In summary, monorepos are an architectural pattern for managing multiple projects within a single repository, while Turborepo is a specific build system that can be used within a monorepo (or multi-repo) setup to optimize and accelerate the build process. Turborepo complements monorepo tools by providing advanced build optimization features, making it a popular choice for monorepo development in the Node.js ecosystem. However, it’s important to note that Turborepo is not limited to monorepos and can be used in various project setups where fast and efficient builds are required.

Short Interesting History of Turborepo

Turborepo was created by Jared Palmer to address the challenges of building and managing monorepos in the JavaScript ecosystem. The tool was initially written in Go, inspired by the success of the JavaScript bundler esbuild, which is also written in Go.

The main objectives behind Turborepo were:

1. Utilize advanced build techniques used by big tech companies in their monorepo tools.
2. Provide an easy-to-adopt tool that doesn’t require significant changes to the existing codebase.
3. Meet developers where they are, integrating with their current tools and workflows.

Turborepo achieves faster build times through smart caching and parallelization. It uses content-addressable storage to cache build artifacts and constructs a dependency graph to determine which tasks can be run in parallel.

In December 2021, Vercel acquired Turborepo through an acqui-hire of Jared Palmer and his team. This acquisition brought additional resources and support to grow and evolve Turborepo.

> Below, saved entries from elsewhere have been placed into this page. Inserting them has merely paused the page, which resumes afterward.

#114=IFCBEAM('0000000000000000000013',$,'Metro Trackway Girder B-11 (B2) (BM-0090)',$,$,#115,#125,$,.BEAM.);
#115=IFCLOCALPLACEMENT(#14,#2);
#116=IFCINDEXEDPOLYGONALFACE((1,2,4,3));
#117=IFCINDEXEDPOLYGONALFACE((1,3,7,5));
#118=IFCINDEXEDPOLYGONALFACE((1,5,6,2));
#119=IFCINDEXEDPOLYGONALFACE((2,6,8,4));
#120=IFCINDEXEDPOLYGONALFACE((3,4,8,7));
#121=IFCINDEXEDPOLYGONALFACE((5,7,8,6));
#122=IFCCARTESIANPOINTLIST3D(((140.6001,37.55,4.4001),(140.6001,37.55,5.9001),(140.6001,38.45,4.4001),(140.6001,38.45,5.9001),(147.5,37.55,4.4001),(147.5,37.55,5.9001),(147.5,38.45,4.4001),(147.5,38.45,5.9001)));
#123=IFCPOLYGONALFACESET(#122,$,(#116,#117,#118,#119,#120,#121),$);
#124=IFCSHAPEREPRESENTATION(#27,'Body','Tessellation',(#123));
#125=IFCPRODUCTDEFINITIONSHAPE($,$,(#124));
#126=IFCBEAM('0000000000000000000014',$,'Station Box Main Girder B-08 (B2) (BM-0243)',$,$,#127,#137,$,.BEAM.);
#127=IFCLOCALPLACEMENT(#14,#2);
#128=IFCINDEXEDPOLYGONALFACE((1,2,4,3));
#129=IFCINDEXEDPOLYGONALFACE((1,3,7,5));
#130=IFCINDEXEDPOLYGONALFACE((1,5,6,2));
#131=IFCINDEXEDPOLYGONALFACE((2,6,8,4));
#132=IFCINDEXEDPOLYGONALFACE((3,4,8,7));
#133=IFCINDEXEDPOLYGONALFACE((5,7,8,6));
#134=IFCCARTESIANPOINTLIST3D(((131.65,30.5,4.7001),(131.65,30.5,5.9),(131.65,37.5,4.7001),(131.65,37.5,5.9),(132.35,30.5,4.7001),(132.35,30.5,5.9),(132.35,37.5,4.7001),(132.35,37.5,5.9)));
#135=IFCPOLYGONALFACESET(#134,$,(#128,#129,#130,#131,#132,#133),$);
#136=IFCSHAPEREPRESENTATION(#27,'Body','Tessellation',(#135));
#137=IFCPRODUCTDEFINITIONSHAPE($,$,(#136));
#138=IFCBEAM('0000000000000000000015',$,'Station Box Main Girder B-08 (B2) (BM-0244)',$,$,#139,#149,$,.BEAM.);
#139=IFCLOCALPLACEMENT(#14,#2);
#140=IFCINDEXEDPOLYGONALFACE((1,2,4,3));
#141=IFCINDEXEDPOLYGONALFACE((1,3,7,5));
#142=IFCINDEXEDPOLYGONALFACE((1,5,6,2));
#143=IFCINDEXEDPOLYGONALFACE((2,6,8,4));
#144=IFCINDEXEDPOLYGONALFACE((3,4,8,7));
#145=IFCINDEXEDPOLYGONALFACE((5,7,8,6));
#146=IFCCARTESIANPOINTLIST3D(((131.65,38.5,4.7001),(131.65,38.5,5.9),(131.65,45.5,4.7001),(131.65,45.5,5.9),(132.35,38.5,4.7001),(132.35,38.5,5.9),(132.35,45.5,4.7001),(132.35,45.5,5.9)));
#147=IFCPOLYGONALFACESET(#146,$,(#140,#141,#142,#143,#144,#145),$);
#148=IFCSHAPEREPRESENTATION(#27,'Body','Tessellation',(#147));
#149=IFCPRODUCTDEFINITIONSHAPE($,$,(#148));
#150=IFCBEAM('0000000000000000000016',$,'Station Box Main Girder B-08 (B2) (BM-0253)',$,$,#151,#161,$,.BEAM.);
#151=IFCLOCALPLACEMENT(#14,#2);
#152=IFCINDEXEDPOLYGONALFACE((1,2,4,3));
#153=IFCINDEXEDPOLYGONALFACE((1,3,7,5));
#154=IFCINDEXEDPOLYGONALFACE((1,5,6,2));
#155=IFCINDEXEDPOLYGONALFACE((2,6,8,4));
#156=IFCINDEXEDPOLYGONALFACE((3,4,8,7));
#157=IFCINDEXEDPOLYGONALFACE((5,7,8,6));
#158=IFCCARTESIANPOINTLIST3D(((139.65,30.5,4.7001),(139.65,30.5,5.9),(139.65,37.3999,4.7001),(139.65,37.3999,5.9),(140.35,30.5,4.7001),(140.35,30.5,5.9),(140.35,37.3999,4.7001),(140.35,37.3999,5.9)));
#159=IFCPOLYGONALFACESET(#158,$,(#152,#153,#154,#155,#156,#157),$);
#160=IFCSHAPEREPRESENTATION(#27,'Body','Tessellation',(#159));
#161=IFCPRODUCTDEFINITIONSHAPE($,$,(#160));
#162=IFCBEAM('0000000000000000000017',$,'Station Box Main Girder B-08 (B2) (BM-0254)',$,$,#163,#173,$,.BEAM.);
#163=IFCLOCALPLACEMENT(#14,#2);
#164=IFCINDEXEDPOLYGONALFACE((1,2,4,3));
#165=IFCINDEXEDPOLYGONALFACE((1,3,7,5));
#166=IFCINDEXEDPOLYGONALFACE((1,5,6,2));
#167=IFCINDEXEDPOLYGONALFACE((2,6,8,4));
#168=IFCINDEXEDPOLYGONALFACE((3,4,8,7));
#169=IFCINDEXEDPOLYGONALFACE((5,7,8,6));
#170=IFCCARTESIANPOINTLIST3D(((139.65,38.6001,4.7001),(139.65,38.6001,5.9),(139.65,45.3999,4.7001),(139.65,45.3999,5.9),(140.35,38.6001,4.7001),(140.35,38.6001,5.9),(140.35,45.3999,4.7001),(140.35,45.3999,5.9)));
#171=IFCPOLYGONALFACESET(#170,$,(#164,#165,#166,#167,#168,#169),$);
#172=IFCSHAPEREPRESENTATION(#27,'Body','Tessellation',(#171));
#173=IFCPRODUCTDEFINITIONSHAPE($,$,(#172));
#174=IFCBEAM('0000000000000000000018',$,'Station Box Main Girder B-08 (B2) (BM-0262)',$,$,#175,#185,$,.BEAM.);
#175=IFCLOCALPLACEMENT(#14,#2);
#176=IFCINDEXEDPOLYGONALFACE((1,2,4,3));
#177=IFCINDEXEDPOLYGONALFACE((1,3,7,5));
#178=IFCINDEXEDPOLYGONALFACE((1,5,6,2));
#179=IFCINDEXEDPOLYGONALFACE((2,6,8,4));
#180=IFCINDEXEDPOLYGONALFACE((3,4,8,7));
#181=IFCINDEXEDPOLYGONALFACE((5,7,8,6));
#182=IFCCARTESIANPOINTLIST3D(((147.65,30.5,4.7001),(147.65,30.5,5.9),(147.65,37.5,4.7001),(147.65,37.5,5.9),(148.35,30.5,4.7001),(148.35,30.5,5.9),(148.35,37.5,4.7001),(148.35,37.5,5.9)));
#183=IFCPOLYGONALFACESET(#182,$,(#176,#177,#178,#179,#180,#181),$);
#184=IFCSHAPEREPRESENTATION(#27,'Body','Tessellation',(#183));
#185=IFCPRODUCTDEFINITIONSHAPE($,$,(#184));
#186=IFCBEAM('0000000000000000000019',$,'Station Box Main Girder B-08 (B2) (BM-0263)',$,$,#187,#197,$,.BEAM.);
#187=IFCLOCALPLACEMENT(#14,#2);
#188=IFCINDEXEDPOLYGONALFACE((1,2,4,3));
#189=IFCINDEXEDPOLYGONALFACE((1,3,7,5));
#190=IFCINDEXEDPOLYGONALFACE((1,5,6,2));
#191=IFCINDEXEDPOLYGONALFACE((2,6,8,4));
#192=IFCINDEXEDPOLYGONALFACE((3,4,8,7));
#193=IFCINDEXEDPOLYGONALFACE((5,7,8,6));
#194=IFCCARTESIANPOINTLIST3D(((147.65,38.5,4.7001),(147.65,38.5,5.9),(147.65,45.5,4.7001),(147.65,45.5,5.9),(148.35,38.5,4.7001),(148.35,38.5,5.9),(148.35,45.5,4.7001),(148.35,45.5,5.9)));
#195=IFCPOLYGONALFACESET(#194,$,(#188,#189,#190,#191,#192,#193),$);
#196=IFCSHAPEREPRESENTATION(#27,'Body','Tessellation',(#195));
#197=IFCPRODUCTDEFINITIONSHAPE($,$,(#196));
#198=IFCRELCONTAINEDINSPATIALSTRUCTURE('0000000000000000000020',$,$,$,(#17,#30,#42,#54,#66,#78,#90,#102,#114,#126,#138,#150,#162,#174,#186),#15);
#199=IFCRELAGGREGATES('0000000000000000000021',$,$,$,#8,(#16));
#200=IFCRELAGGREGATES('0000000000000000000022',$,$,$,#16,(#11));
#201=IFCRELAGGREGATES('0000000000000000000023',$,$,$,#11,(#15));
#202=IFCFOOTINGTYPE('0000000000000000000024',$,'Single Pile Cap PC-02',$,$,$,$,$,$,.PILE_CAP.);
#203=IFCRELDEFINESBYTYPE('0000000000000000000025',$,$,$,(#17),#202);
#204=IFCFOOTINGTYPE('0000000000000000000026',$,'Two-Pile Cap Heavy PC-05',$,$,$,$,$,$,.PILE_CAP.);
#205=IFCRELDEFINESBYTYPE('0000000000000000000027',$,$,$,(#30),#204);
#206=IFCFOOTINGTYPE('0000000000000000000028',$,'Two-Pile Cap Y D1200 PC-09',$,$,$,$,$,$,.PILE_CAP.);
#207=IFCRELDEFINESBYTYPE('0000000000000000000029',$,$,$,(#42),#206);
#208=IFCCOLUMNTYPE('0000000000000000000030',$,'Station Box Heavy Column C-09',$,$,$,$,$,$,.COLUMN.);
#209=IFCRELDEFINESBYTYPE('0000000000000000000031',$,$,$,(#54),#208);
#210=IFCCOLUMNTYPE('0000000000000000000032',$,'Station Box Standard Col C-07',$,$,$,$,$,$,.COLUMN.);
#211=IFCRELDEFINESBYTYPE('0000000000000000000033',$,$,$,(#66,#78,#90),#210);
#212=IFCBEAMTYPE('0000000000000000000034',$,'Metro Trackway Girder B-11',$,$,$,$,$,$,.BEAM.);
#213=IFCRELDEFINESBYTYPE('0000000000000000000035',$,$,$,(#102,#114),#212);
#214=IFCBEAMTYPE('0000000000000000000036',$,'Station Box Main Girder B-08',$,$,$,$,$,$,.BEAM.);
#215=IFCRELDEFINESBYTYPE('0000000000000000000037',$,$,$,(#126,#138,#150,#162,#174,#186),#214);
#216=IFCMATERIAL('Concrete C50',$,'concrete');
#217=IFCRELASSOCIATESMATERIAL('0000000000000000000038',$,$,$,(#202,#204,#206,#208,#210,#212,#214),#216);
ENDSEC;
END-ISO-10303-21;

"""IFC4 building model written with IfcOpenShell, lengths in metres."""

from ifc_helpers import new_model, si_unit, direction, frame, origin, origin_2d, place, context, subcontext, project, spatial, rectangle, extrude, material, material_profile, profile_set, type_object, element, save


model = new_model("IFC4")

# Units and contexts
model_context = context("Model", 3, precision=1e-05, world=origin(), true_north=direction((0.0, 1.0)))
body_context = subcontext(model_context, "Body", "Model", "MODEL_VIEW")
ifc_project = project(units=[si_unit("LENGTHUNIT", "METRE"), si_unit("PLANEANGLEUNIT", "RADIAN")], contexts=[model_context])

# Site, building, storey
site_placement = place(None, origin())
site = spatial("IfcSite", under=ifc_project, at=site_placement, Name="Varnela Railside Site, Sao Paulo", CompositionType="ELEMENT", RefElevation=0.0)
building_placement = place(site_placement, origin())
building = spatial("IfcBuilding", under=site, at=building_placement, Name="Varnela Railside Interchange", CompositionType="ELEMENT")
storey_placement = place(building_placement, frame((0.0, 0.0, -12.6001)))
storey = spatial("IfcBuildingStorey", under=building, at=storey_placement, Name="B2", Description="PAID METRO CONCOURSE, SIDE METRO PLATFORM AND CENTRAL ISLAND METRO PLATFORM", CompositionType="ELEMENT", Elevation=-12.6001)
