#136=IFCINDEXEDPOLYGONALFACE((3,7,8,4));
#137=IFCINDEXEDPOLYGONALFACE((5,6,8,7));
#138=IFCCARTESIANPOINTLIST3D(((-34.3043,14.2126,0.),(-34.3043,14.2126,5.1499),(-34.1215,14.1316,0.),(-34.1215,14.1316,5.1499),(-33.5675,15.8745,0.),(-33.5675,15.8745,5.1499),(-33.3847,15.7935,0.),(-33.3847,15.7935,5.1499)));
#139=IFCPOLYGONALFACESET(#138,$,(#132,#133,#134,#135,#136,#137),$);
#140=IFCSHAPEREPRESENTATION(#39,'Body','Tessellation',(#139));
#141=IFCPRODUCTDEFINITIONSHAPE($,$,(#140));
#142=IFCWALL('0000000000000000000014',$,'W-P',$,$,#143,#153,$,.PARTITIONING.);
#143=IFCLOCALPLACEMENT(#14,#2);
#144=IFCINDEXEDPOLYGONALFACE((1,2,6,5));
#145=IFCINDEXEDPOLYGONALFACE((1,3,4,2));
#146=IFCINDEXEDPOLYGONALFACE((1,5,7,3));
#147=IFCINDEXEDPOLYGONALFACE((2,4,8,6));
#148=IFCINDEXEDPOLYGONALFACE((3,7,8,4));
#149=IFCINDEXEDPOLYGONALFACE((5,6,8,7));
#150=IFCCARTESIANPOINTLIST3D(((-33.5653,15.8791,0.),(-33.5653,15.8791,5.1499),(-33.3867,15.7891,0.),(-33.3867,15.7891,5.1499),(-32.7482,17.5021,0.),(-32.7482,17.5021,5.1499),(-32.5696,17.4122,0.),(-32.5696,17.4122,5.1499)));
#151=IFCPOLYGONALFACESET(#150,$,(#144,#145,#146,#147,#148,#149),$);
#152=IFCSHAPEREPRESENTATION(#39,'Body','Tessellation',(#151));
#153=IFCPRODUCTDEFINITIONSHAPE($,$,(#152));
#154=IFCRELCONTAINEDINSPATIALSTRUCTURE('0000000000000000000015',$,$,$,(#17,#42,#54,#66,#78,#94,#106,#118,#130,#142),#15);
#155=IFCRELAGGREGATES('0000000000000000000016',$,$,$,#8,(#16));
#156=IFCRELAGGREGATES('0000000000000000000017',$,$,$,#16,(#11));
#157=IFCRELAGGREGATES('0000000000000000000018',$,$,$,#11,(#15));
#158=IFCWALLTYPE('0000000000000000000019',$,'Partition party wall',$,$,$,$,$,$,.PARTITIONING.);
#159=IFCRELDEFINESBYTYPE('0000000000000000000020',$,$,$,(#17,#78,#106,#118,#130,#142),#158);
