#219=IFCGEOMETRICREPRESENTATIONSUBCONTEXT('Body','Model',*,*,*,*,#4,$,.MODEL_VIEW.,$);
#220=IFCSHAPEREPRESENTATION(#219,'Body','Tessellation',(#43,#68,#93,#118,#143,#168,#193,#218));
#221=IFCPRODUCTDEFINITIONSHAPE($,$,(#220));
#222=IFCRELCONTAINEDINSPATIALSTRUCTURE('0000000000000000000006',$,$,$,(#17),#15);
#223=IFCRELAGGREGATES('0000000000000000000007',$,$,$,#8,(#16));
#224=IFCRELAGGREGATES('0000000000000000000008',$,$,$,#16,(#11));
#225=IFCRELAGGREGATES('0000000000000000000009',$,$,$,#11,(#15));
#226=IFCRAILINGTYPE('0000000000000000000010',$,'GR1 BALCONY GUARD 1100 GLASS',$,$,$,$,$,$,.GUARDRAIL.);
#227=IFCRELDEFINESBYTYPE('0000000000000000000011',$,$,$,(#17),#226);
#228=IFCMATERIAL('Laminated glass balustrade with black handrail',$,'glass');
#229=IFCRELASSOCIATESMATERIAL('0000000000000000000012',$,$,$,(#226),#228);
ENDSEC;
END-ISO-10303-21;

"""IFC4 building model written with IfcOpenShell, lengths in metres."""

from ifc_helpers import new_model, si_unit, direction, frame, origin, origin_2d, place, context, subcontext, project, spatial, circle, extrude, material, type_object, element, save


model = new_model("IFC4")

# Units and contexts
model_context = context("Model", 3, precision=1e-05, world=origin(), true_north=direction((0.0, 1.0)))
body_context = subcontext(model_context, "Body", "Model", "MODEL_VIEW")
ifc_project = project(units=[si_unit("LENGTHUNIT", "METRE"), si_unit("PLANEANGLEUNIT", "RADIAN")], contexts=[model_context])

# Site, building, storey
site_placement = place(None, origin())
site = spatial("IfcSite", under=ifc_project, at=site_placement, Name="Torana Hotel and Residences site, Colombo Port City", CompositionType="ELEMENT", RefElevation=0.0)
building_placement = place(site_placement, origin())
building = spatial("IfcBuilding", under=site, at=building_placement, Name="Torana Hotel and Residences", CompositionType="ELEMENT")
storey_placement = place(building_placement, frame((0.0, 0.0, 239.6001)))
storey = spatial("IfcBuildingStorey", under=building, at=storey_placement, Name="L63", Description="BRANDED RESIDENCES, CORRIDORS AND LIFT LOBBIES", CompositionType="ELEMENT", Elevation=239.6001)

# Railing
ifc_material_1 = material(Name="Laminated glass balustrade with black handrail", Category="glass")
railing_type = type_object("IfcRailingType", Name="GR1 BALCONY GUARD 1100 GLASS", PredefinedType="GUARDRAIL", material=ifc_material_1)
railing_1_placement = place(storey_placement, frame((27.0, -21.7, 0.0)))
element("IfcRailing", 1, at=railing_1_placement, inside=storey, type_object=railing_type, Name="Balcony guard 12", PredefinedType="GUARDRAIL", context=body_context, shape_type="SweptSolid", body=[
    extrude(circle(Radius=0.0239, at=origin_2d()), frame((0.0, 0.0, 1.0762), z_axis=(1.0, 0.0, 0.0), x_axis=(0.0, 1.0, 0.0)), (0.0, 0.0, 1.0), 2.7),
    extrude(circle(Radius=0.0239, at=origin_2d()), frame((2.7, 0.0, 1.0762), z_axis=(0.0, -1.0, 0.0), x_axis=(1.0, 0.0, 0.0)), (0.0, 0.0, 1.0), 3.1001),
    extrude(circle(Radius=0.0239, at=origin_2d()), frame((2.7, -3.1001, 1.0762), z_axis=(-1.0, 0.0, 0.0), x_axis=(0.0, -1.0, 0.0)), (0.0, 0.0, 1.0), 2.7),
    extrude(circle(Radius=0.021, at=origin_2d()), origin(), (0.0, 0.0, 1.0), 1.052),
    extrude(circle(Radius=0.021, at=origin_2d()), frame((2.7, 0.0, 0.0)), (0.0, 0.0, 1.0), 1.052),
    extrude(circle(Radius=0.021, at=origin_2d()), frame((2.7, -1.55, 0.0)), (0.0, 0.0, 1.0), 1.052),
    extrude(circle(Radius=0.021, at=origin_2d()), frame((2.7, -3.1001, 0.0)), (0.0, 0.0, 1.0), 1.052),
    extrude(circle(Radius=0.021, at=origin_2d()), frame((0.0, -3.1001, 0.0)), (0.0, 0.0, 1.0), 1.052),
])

Although Turborepo has gained popularity and praise for its capabilities, it is still a relatively new tool (the latest version as of the search results is 1.1.16). Some users have reported inconsistencies and the need for further polishing for production usage.

Despite these early challenges, Turborepo has shown significant potential in improving build times and simplifying monorepo management. The company highlights a case study where Turborepo saved 67 hours of continuous integration time for a team of only four developers.

Overall, Turborepo has emerged as a promising solution for JavaScript monorepos, leveraging advanced build techniques and offering an easy-to-adopt approach for developers.

Important Concepts

1] Build System

A build system is a tool that automates the process of transforming source code written by developers into executable code that can be run on a computer. In the context of JavaScript and TypeScript projects, a build system performs tasks such as:

• Transpilation: Converting TypeScript code to JavaScript code.
• Bundling: Combining multiple JavaScript files into a single file or a smaller set of files to optimize loading and execution.
• Minification: Reducing the size of JavaScript files by removing unnecessary characters and optimizing the code.
• Testing: Running automated tests to ensure the correctness and reliability of the code.
• Linting: Analyzing the code for potential errors, style inconsistencies, and adherence to coding standards.
• Deployment: Preparing the built code for deployment to a production environment.

Examples of popular build systems in the JavaScript ecosystem include Webpack, Rollup, Parcel, and Vite

2] Build System Orchestrator

A build system orchestrator, like Turborepo, sits on top of the actual build systems and coordinates the execution of tasks across multiple packages or projects within a monorepo. Instead of directly performing tasks like transpilation or bundling, a build system orchestrator focuses on:

• Task Definition: Allowing developers to define tasks in a configuration file (e.g., turbo.json) that specify the commands to run for each task.
• Task Orchestration: Determining the order in which tasks should be executed based on their dependencies and optimizing the execution process.
• Caching: Intelligently caching the results of previous builds to speed up subsequent builds and avoid redundant work.
• Parallel Execution: Leveraging available system resources to run tasks in parallel, improving overall build performance.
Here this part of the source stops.